Adam Aristotle Starchild (born Malcolm Willis McConahy; 20 September 1946 – 22 September 2006) was an American-born financial consultant, author, and a convicted fraudster and sex offender. He was associated with the “perpetual traveler” movement and wrote extensively on "offshore finance," taxation, and international investment strategies.

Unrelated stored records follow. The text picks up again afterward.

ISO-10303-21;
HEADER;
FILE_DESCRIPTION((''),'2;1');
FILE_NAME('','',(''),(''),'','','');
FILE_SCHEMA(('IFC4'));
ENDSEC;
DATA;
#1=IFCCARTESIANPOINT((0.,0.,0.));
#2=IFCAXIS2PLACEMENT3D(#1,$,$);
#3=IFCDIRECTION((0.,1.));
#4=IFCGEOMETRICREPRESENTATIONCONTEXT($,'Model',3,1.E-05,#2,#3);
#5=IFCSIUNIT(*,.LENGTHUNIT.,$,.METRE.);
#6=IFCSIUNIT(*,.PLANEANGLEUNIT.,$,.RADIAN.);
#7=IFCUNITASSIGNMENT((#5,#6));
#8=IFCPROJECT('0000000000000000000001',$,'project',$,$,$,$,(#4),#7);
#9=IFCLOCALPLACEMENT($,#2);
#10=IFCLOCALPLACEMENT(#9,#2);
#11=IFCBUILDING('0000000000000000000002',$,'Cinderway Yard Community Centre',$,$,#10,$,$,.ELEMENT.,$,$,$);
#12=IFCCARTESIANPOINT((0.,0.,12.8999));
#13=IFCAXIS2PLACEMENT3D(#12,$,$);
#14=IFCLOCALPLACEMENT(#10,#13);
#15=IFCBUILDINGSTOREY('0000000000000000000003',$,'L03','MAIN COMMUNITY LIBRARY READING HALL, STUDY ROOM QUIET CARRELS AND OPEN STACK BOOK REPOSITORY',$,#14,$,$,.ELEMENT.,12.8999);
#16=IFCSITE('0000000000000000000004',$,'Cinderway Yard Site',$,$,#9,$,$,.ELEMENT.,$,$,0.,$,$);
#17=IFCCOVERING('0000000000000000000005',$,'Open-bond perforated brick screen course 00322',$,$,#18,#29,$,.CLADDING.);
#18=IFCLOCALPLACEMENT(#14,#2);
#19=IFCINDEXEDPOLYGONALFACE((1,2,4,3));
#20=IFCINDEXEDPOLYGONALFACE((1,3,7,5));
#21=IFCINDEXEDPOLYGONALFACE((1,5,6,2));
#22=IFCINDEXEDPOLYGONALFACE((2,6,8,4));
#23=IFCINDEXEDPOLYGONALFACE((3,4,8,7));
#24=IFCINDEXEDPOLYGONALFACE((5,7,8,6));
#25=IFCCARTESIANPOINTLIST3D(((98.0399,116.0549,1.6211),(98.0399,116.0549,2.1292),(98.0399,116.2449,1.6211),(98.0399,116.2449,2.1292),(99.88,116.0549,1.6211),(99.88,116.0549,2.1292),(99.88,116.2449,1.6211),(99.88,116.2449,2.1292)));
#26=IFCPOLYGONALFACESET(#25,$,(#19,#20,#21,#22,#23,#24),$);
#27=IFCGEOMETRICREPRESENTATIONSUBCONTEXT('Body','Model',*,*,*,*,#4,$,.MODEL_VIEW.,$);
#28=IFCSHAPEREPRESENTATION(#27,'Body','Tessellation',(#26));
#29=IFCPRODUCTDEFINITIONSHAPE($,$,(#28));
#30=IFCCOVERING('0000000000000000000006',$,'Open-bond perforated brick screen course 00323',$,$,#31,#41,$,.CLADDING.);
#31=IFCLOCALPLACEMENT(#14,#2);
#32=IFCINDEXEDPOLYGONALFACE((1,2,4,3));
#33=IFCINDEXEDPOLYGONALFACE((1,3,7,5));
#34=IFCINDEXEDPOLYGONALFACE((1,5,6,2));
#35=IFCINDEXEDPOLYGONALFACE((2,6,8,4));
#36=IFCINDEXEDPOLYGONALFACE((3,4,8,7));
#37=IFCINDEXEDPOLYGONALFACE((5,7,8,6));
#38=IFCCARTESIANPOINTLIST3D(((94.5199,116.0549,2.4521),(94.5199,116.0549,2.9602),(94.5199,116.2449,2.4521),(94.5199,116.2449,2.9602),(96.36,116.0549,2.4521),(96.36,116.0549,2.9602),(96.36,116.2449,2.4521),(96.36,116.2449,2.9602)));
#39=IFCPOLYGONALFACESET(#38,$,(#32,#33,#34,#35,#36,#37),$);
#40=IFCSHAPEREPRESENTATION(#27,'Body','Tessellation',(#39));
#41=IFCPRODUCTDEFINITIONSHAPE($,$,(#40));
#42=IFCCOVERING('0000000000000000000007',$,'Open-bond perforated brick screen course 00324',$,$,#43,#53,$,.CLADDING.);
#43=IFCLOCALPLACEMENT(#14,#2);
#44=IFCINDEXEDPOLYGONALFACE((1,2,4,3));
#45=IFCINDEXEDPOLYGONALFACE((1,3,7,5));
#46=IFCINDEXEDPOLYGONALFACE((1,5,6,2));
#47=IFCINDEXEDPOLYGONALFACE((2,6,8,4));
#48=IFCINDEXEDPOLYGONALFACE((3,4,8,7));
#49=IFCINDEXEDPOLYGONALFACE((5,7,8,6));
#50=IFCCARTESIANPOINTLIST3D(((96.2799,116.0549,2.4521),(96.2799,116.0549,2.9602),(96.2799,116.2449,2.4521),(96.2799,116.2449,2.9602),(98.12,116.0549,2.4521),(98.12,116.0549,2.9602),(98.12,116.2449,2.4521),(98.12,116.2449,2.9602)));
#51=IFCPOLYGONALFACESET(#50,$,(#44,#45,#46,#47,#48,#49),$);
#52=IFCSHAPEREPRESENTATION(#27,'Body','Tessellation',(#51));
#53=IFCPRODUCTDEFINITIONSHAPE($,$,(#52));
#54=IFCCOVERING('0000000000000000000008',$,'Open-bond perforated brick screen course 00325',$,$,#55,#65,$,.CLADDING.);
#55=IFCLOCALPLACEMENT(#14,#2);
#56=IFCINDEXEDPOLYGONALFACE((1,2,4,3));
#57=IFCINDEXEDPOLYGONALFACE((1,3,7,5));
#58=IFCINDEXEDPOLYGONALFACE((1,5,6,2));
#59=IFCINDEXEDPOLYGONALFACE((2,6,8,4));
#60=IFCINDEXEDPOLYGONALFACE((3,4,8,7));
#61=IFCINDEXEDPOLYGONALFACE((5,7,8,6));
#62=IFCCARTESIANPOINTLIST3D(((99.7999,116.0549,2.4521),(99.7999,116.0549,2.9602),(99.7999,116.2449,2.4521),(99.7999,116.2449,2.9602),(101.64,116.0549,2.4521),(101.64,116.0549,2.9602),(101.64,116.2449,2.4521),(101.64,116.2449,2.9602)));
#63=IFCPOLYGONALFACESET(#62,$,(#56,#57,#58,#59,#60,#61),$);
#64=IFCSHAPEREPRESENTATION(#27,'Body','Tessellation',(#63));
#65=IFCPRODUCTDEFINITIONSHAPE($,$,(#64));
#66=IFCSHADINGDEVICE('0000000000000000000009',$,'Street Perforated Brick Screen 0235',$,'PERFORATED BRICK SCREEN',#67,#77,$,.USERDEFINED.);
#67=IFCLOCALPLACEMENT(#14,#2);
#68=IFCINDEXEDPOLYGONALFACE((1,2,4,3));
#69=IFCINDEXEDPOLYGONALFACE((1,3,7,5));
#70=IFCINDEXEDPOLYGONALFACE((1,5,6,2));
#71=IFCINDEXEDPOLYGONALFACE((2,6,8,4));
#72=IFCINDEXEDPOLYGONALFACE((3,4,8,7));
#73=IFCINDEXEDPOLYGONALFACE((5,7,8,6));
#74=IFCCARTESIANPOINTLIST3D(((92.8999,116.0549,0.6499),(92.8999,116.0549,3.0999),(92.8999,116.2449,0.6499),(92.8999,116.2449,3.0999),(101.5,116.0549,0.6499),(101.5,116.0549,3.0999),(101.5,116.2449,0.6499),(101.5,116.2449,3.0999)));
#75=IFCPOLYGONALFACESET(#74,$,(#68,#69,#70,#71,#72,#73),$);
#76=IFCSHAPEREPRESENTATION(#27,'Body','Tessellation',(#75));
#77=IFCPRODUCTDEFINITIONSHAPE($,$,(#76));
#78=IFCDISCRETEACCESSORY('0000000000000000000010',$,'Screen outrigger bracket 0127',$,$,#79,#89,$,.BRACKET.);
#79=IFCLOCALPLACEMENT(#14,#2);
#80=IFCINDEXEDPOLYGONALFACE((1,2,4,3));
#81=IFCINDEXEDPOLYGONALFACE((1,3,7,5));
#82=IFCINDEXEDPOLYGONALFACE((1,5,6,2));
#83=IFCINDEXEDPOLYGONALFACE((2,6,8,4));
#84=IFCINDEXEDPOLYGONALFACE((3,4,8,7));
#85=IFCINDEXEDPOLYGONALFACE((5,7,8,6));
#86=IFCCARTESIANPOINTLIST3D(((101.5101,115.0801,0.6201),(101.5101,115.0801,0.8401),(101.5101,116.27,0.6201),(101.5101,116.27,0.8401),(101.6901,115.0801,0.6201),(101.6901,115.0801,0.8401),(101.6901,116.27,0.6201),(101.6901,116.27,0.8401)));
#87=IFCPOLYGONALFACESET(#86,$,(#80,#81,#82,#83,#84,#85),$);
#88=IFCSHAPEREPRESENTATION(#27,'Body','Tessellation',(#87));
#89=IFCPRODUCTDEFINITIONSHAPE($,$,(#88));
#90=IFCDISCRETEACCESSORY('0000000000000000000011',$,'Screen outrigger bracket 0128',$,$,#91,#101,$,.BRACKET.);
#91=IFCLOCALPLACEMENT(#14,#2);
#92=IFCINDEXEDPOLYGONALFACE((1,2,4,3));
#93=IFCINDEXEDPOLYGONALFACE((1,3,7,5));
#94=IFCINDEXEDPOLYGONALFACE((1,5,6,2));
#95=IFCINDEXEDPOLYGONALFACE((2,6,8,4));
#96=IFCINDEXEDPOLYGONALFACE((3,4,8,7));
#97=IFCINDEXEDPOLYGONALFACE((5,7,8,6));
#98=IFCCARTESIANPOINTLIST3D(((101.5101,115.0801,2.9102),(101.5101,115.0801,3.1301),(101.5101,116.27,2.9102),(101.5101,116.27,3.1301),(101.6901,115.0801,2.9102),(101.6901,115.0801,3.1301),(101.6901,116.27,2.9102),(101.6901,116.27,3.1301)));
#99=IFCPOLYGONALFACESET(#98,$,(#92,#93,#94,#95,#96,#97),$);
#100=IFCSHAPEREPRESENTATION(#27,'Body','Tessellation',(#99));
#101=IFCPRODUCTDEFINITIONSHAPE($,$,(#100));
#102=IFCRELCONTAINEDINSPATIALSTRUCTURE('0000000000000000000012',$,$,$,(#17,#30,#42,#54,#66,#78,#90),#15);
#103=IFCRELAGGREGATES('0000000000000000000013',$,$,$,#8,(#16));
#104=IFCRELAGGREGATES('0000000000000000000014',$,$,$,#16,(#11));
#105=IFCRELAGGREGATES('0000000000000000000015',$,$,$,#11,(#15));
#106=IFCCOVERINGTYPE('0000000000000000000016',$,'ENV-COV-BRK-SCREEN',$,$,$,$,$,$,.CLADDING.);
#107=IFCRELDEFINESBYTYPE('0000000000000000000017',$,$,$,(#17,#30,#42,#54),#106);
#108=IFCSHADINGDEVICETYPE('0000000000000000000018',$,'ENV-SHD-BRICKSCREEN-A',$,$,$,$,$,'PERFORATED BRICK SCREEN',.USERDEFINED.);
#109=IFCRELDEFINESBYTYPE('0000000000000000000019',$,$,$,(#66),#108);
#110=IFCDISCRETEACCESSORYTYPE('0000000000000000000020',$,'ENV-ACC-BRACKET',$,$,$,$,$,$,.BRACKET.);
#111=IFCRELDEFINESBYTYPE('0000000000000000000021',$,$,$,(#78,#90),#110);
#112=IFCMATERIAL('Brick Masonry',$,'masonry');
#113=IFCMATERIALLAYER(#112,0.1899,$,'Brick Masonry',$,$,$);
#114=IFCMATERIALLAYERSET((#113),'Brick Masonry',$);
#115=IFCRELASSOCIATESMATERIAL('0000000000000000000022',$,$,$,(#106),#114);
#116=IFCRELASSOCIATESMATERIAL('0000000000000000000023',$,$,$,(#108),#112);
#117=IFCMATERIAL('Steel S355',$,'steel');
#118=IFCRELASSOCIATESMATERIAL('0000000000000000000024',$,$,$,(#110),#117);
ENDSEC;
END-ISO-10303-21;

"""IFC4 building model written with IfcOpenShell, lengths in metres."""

from ifc_helpers import new_model, si_unit, direction, frame, origin, origin_2d, place, context, subcontext, project, spatial, rectangle, extrude, material, layer, layer_set, type_object, element, save


model = new_model("IFC4")

# Units and contexts
model_context = context("Model", 3, precision=1e-05, world=origin(), true_north=direction((0.0, 1.0)))
body_context = subcontext(model_context, "Body", "Model", "MODEL_VIEW")
ifc_project = project(units=[si_unit("LENGTHUNIT", "METRE"), si_unit("PLANEANGLEUNIT", "RADIAN")], contexts=[model_context])

# Site, building, storey
site_placement = place(None, origin())
site = spatial("IfcSite", under=ifc_project, at=site_placement, Name="Cinderway Yard Site", CompositionType="ELEMENT", RefElevation=0.0)
building_placement = place(site_placement, origin())
building = spatial("IfcBuilding", under=site, at=building_placement, Name="Cinderway Yard Community Centre", CompositionType="ELEMENT")
storey_placement = place(building_placement, frame((0.0, 0.0, 12.8999)))
storey = spatial("IfcBuildingStorey", under=building, at=storey_placement, Name="L03", Description="MAIN COMMUNITY LIBRARY READING HALL, STUDY ROOM QUIET CARRELS AND OPEN STACK BOOK REPOSITORY", CompositionType="ELEMENT", Elevation=12.8999)

# Shared definitions
ifc_material_1 = material(Name="Steel S355", Category="steel")

# Coverings
ifc_material_2 = material(Name="Brick Masonry", Category="masonry")
ifc_layer_1 = layer(ifc_material_2, 0.1899, Name="Brick Masonry")
ifc_layer_set_1 = layer_set([ifc_layer_1], Name="Brick Masonry")
covering_type = type_object("IfcCoveringType", Name="ENV-COV-BRK-SCREEN", PredefinedType="CLADDING", material=ifc_layer_set_1)
for number, where, z_axis, x_axis, name in (
    (1, (98.96, 116.1499, 1.6211), (0.0, 0.0, 1.0), (1.0, 0.0, 0.0), "Open-bond perforated brick screen course 00322"),
    (2, (95.4399, 116.1499, 2.4521), (0.0, 0.0, 1.0), (1.0, 0.0, 0.0), "Open-bond perforated brick screen course 00323"),
    (3, (97.2, 116.1499, 2.4521), (0.0, 0.0, 1.0), (1.0, 0.0, 0.0), "Open-bond perforated brick screen course 00324"),
    (4, (100.72, 116.1499, 2.4521), (0.0, 0.0, 1.0), (1.0, 0.0, 0.0), "Open-bond perforated brick screen course 00325"),
):
    element("IfcCovering", number, at=place(storey_placement, frame(where, z_axis=z_axis, x_axis=x_axis)), inside=storey, type_object=covering_type, Name=name, PredefinedType="CLADDING", context=body_context, shape_type="SweptSolid", body=[
        extrude(rectangle(XDim=1.8401, YDim=0.1899, at=origin_2d()), origin(), (0.0, 0.0, 1.0), 0.5081),
    ])

# Shading device
shading_device_type = type_object("IfcShadingDeviceType", Name="ENV-SHD-BRICKSCREEN-A", ElementType="PERFORATED BRICK SCREEN", PredefinedType="USERDEFINED", material=ifc_material_2)
shading_device_placement = place(storey_placement, frame((97.2, 116.1499, 0.6499), z_axis=(0.0, 0.0, 1.0), x_axis=(1.0, 0.0, 0.0)))
element("IfcShadingDevice", 5, at=shading_device_placement, inside=storey, type_object=shading_device_type, Name="Street Perforated Brick Screen 0235", ObjectType="PERFORATED BRICK SCREEN", PredefinedType="USERDEFINED", context=body_context, shape_type="SweptSolid", body=[
    extrude(rectangle(XDim=8.6001, YDim=0.1899, at=origin_2d()), origin(), (0.0, 0.0, 1.0), 2.45),
])

# Discrete accessories
discrete_accessory_type = type_object("IfcDiscreteAccessoryType", Name="ENV-ACC-BRACKET", PredefinedType="BRACKET", material=ifc_material_1)
for number, where, z_axis, x_axis, name in (
    (6, (101.6001, 115.675, 0.6201), (0.0, 0.0, 1.0), (0.0, 1.0, 0.0), "Screen outrigger bracket 0127"),
    (7, (101.6001, 115.675, 2.9102), (0.0, 0.0, 1.0), (0.0, 1.0, 0.0), "Screen outrigger bracket 0128"),
):
    element("IfcDiscreteAccessory", number, at=place(storey_placement, frame(where, z_axis=z_axis, x_axis=x_axis)), inside=storey, type_object=discrete_accessory_type, Name=name, PredefinedType="BRACKET", context=body_context, shape_type="SweptSolid", body=[
        extrude(rectangle(XDim=1.1899, YDim=0.1799, at=origin_2d()), origin(), (0.0, 0.0, 1.0), 0.22),
    ])

save(model, "model.ifc")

Starchild was convicted of fraud-related offenses in the United States in the late 1960s and in both the United Kingdom and the United States in subsequent decades. He also had convictions in the United States involving the possession and distribution of sexual material concerning minors. He was removed from a leadership role in his youth following allegations of inappropriate conduct with minors, and was also linked in reporting to the North Fox Island scandal in the mid-1970s.

==Early life==
Malcolm Willis McConahy was born in Minnesota on 20 September 1946. Little is known of his youth, but he later changed his name to Adam Aristotle Starchild, explaining on his website that Starchild was "a common Plains Cree name, found in usage across western Canada", indicating that he might have been of Native American descent. He claimed to be a former chairman of the Confederation of American Indians.

==Scouting==
Between February and July 1965, McConahy was an assistant scout master with Troop 27 in Minneapolis, a troop sponsored by Plymouth Congregational Church of that city, but was suspended after admitting homosexual interest in boys in the troop. Scouting records state that his personal and family church relationship was with Joyce Methodist Church. At the time, he was operating a travel business in Minneapolis.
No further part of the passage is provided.